Souvent dépeints comme des requins, les acteurs majeurs du microcosme de la mode souffrent depuis des années d'une mauvaise presse. Et le nouveau film de Frédéric Beigbeder ne va pas arranger les choses. Avec L'Idéal, en salle depuis le mercredi 15 juin, le rédacteur en chef du magazine Lui s'attaque aux coulisses du mannequinat et de la mode, et plus particulièrement aux personnes qui en tirent les ficelles. Avec le ton cynique et grinçant qu'on lui connaît, Frédéric Beigbeder dénonce dans son film satirique les abus de pouvoir dont font parfois preuve les créateurs, les rédacteurs en chef des magazines de mode ou les directeurs de casting en imposant leurs diktats à toute la société.

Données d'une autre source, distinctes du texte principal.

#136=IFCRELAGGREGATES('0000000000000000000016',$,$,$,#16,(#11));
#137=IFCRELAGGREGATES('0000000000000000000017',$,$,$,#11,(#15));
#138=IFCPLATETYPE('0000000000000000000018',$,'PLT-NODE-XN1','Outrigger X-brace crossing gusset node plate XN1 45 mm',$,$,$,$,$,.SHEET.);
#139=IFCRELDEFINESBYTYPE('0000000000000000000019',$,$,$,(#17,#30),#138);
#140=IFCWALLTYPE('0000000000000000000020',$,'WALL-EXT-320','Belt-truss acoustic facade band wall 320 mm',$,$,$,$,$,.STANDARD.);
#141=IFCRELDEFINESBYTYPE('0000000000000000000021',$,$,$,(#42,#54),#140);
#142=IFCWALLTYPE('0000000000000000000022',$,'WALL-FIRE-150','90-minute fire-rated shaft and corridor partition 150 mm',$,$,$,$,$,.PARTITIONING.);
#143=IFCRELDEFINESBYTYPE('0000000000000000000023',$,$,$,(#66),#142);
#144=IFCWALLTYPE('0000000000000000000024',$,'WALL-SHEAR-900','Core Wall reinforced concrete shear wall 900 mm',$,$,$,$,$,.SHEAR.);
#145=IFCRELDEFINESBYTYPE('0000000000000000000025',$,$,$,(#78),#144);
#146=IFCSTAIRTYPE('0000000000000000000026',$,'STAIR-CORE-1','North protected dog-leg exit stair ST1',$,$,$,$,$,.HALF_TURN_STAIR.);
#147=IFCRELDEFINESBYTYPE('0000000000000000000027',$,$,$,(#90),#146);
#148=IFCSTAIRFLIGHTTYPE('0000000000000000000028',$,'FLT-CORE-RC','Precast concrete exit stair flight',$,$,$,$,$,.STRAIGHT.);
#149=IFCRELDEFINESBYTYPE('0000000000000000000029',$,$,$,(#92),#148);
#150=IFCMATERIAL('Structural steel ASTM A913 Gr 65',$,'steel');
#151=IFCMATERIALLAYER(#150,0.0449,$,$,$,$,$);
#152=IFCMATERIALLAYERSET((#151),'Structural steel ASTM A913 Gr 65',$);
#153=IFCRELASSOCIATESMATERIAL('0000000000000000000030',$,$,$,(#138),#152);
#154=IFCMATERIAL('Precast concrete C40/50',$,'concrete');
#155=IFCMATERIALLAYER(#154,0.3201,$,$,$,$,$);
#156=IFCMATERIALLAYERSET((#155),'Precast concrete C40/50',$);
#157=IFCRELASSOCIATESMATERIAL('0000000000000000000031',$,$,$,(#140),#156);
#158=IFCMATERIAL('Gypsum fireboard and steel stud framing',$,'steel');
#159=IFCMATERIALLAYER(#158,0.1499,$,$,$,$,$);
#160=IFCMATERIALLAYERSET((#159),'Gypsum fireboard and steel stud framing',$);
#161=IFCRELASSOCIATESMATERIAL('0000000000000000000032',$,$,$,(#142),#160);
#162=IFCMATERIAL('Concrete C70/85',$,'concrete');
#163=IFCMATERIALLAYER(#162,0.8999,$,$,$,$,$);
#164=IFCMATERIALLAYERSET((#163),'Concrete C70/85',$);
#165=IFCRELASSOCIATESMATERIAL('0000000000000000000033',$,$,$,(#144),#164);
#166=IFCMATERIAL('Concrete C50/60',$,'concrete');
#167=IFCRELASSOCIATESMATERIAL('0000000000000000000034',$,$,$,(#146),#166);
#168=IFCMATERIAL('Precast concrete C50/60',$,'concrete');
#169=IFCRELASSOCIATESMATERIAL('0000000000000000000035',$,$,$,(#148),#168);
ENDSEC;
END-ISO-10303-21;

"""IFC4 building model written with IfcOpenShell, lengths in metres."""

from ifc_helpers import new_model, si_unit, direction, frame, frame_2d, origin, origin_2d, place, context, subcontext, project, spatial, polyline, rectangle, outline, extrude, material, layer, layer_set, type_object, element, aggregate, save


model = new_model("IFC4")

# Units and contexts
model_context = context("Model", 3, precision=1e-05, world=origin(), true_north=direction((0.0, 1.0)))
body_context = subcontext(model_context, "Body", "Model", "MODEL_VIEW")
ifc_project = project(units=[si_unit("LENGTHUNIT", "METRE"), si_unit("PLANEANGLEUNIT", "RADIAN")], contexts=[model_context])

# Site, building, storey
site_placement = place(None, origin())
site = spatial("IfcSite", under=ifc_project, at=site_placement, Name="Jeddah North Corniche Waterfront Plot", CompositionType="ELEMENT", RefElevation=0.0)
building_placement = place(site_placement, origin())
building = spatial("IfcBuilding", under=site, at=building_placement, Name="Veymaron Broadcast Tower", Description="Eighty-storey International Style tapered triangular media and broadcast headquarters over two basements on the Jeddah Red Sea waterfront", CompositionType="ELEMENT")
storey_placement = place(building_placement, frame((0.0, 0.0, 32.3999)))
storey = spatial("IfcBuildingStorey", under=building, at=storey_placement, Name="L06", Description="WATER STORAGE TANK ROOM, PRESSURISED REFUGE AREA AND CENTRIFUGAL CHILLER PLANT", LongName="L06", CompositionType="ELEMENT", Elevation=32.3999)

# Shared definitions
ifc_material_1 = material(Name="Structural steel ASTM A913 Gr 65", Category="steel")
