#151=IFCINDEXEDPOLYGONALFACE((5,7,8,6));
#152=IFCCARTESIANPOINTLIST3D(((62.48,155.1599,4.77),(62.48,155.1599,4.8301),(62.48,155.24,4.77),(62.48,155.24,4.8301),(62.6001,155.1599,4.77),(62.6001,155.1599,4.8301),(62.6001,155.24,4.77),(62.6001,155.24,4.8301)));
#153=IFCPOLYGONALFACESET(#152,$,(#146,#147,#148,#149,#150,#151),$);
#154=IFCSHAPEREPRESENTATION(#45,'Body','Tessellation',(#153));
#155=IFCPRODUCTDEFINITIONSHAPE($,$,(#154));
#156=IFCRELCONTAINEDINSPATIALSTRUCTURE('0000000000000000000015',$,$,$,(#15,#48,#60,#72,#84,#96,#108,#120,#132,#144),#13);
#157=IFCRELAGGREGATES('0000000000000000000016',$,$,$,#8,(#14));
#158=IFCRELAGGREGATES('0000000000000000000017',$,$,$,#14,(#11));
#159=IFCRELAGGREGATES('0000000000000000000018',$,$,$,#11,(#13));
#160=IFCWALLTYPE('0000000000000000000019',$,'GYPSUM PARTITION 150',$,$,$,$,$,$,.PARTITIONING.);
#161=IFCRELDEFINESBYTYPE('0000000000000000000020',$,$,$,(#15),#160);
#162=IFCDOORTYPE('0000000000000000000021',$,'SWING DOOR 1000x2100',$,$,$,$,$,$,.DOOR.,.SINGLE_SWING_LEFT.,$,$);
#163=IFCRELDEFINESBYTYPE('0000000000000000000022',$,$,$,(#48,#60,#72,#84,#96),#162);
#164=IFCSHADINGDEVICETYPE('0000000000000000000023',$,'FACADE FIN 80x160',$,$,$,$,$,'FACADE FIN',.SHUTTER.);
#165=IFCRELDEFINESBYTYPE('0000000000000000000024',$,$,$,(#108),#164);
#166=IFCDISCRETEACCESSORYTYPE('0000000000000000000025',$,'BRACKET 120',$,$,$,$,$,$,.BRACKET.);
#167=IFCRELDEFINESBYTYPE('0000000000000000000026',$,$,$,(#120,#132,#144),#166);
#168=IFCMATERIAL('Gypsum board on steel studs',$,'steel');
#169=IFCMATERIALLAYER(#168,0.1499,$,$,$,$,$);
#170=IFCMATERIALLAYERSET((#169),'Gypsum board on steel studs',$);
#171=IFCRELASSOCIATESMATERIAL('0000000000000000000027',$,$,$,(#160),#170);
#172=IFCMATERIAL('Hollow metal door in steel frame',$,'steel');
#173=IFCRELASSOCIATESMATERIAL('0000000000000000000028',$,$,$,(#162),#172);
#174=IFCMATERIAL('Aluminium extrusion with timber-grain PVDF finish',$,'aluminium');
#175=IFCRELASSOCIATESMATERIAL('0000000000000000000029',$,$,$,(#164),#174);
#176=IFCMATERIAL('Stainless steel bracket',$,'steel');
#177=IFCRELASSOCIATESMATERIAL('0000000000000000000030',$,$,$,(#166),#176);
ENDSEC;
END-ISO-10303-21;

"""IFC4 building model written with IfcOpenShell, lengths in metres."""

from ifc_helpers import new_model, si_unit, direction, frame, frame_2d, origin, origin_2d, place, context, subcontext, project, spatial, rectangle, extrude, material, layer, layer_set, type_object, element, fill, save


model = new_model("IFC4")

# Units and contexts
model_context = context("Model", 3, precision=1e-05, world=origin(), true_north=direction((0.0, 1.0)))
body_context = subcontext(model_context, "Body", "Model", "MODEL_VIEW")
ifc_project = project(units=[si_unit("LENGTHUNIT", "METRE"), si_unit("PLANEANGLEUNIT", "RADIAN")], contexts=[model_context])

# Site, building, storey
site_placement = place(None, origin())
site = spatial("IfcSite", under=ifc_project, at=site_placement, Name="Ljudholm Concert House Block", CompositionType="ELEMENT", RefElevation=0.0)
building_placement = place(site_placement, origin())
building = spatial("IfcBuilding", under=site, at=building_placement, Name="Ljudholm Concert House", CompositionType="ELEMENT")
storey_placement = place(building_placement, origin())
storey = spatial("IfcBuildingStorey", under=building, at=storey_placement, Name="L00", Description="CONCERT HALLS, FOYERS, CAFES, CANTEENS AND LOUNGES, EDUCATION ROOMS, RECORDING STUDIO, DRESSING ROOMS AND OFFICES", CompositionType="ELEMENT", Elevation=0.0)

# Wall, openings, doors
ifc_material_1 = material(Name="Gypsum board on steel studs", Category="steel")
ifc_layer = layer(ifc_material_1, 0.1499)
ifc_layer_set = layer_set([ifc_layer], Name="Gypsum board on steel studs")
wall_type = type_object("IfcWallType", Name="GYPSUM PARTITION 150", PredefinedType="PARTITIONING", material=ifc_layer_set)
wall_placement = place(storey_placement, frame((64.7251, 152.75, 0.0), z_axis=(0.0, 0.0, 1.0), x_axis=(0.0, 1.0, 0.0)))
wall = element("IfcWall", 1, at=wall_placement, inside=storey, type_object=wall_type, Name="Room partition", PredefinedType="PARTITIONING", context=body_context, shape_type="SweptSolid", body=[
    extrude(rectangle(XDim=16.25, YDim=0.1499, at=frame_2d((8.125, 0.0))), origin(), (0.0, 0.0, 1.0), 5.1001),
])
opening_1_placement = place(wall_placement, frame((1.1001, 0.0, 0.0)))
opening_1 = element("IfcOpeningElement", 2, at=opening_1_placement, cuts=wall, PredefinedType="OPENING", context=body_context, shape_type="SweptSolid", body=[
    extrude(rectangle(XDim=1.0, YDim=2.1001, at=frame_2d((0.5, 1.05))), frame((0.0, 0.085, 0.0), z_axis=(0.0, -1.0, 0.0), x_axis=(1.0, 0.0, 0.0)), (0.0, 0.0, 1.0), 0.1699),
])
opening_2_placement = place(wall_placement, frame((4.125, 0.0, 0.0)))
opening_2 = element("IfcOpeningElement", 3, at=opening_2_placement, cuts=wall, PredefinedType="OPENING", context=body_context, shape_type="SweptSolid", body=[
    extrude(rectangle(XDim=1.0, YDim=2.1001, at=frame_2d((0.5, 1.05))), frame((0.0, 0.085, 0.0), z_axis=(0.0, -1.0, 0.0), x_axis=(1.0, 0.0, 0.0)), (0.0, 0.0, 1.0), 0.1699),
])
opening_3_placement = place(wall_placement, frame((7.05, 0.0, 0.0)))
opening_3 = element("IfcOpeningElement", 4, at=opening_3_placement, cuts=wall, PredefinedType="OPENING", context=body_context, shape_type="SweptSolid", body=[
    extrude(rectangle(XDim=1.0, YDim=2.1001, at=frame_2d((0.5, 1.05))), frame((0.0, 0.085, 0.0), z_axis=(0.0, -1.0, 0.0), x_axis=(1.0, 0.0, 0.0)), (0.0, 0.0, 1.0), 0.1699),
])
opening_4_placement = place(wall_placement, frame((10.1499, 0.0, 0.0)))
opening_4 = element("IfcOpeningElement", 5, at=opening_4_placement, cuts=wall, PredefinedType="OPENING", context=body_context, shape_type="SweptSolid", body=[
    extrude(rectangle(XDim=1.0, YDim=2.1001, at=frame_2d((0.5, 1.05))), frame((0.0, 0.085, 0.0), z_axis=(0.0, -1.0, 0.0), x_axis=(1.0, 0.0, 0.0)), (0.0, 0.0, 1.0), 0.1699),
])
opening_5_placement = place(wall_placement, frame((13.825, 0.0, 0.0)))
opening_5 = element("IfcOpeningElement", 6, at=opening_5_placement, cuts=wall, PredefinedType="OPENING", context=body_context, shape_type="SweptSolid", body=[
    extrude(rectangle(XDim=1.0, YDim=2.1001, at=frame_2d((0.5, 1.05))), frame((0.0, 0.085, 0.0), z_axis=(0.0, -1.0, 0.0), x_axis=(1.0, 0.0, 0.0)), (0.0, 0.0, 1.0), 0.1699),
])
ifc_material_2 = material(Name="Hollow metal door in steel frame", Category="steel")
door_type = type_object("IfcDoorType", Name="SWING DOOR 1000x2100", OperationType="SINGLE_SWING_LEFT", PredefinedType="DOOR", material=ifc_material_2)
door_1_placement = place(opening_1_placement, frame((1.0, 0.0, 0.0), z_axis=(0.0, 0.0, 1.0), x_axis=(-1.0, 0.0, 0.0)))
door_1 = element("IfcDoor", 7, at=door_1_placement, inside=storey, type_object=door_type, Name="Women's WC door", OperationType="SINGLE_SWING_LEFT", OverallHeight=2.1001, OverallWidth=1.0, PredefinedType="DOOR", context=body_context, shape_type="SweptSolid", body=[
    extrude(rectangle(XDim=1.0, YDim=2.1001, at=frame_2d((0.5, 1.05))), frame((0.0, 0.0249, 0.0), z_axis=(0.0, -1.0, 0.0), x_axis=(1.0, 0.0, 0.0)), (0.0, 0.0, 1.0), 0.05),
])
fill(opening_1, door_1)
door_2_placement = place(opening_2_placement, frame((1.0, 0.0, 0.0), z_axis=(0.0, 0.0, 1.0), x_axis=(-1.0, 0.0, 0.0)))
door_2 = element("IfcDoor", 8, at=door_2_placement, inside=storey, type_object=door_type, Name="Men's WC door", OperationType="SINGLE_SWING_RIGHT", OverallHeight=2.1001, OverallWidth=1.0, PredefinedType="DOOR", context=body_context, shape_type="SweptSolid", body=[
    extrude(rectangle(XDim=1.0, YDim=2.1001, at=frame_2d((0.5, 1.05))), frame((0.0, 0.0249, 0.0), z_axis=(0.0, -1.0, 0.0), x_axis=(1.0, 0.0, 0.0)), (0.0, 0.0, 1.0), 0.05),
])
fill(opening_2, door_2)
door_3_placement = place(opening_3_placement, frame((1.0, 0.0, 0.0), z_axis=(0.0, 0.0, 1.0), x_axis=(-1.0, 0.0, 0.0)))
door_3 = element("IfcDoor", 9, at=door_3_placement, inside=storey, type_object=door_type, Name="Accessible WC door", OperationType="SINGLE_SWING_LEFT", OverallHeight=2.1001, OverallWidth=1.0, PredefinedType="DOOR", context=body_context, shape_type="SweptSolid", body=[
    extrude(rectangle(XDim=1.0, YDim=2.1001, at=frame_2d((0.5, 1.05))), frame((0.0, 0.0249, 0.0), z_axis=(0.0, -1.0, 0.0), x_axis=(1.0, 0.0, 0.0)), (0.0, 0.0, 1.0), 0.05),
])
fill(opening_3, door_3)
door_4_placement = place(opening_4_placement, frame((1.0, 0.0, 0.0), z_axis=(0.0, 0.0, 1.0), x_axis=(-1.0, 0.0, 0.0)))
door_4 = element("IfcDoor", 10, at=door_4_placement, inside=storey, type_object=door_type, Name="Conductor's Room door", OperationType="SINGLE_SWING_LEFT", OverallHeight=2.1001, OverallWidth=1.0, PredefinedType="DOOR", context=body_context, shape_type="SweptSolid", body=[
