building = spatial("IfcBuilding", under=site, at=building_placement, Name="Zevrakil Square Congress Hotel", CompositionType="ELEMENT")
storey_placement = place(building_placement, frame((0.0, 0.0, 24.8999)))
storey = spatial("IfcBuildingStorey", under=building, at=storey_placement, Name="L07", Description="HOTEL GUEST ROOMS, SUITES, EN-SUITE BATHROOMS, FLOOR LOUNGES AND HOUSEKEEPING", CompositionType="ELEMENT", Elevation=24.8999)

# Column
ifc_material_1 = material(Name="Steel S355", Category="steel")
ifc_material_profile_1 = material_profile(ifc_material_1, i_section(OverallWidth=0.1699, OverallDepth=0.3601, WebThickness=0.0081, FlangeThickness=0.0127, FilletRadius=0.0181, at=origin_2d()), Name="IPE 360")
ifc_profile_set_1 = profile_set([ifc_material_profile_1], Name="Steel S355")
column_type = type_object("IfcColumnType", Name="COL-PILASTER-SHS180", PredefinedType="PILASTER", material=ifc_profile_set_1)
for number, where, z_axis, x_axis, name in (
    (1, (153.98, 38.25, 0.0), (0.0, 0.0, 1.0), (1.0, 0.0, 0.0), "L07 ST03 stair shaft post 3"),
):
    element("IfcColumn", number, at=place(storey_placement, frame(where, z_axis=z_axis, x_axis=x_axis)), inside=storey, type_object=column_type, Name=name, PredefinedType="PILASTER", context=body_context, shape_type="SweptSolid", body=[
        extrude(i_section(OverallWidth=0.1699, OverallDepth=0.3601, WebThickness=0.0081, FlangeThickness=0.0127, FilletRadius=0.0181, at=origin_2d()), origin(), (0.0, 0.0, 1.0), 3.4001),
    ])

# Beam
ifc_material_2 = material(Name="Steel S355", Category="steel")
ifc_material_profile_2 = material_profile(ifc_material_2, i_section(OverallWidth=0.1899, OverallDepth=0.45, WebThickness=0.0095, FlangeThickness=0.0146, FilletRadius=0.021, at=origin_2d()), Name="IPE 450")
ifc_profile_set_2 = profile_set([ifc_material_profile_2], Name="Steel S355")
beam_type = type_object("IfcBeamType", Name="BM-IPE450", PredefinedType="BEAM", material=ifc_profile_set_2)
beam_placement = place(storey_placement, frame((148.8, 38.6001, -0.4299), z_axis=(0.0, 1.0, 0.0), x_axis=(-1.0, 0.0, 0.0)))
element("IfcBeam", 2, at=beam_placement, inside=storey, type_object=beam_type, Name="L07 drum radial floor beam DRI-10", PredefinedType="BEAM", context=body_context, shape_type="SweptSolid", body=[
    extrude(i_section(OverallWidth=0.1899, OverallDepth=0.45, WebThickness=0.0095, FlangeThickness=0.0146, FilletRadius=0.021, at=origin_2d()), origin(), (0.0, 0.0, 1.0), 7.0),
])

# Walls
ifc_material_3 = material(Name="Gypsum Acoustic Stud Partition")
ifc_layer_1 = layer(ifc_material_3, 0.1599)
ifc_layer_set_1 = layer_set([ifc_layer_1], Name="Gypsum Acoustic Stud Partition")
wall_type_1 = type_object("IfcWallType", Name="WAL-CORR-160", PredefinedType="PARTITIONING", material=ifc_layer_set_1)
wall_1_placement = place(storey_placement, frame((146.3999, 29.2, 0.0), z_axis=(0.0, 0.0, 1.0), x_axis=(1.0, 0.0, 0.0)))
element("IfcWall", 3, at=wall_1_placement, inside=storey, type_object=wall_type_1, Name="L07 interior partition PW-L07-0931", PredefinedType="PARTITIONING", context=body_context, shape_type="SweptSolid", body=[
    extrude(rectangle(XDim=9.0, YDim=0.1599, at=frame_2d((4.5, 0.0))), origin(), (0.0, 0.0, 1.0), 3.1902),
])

"Ce sont des dictateurs qui disent 'Toi, oui. Toi, non', un peu comme à l'entrée des boîtes de nuit, déclare ainsi le réalisateur lors d'une interview pour Télé-Loisirs. 'Toi tu rentres, toi tu rentres pas. Tu es trop gros, tu es trop vieux...'. C'est assez effrayant que des gens soient payés pour dire ça au reste de l'humanité". Pour incarner son tyran à l'écran, Frédéric Beigbeder a choisi de faire revenir Octave Parango, le publicitaire cocaïnomane de 99 francs, incarné à l'écran par Gaspard Proust, qui a quitté son agence de pub afin de devenir model scout pour le compte d'une agence russe de mannequinat. Les "model scouts", qui n'ont rien à voir avec les boyscouts, ont pour mission de trouver les mannequins de demain. Afin de l'aider à dénicher la nouvelle égérie de la marque de cosmétiques "L'Ideal", dont la directrice est interprétée par Jonathan Lambert, grimée pour l'occasion en une femme perchée sur des talons hauts, Octave s'entoure d'une directrice visuelle sèche et autoritaire jouée par Audrey Fleurot. Au-delà du thème de la marchandisation du corps féminin par l'industrie de la mode, on retrouve dans L'Idéal les mêmes problématiques que dans le film 99 francs, adapté à l'écran par Jan Kounen : l'alcool, la drogue et le sexe.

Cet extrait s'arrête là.